学术文献库

The dynamics of the transported powder determines the functionality and safety of pneumatic conveying systems. The relation between the carrier gas flow, induced by the flown-through geometry, and the powder flow pattern is not clear yet for electrostatically charged particles. This paper highlights the influence of relatively minor cross-sectional secondary flows and electrostatic forces on the concentration and dynamics of the particles. To this end, direct numerical simulations (DNS) capture the interaction of the continuous and dispersed phases by a four-way coupled Eulerian-Lagrangian strategy. The transport of weakly charged particles in channel flows, where turbopheresis defines the particle concentration, is compared to duct flows, where additional cross-sectional vortices form.

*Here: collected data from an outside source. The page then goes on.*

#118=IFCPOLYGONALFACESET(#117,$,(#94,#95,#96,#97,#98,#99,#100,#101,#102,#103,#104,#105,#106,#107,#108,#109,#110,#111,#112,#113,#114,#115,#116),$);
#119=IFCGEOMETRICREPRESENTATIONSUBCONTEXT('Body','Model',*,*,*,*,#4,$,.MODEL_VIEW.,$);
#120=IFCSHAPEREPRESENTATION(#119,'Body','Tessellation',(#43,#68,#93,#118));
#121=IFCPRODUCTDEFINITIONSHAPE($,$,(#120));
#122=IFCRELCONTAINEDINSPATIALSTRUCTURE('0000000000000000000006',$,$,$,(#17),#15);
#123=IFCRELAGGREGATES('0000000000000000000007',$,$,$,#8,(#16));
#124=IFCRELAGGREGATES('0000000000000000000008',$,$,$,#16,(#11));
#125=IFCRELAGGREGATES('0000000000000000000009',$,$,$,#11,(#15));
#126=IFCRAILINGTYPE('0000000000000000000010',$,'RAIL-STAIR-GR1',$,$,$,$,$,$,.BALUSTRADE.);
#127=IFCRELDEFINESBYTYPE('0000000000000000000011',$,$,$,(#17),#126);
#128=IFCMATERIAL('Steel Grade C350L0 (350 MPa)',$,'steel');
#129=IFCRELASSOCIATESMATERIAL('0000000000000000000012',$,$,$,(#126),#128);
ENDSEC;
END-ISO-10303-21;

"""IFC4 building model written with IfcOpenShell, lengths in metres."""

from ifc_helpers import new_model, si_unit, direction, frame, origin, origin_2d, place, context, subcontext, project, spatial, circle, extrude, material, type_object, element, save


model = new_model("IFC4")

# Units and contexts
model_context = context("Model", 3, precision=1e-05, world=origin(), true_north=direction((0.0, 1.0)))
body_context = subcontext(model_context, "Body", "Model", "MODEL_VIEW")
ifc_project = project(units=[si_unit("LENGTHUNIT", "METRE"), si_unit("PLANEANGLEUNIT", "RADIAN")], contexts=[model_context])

For both geometries the Stokes number ($S\!t=8, 32$) and the electrical Stokes number ($S\!t_\mathrm{el}=[0, 1, 2, 4]\times 10^{-3}$) are varied, the turbulent carrier flow was fixed to $Re_τ=360$. The presented simulations demonstrate that secondary flows, for the same $Re_τ$, $S\!t$, and $S\!t_\mathrm{el}$, dampen the effect of particle charge. In a duct flow, vortical secondary flows enhance the cross-sectional particle mobility against the direction of electrostatic forces. Compared to a duct flow, in a channel the wall-normal aerodynamic forces are weaker. Thus, electrical forces dominate their transport; the local particle concentration at the walls increases. Further, electrostatic charges cause a stronger correlation between the gas and particle velocities. In conclusion, despite being weak compared to the primary flow forces, secondary flow and electrostatic forces drive particle dynamics during pneumatic transport.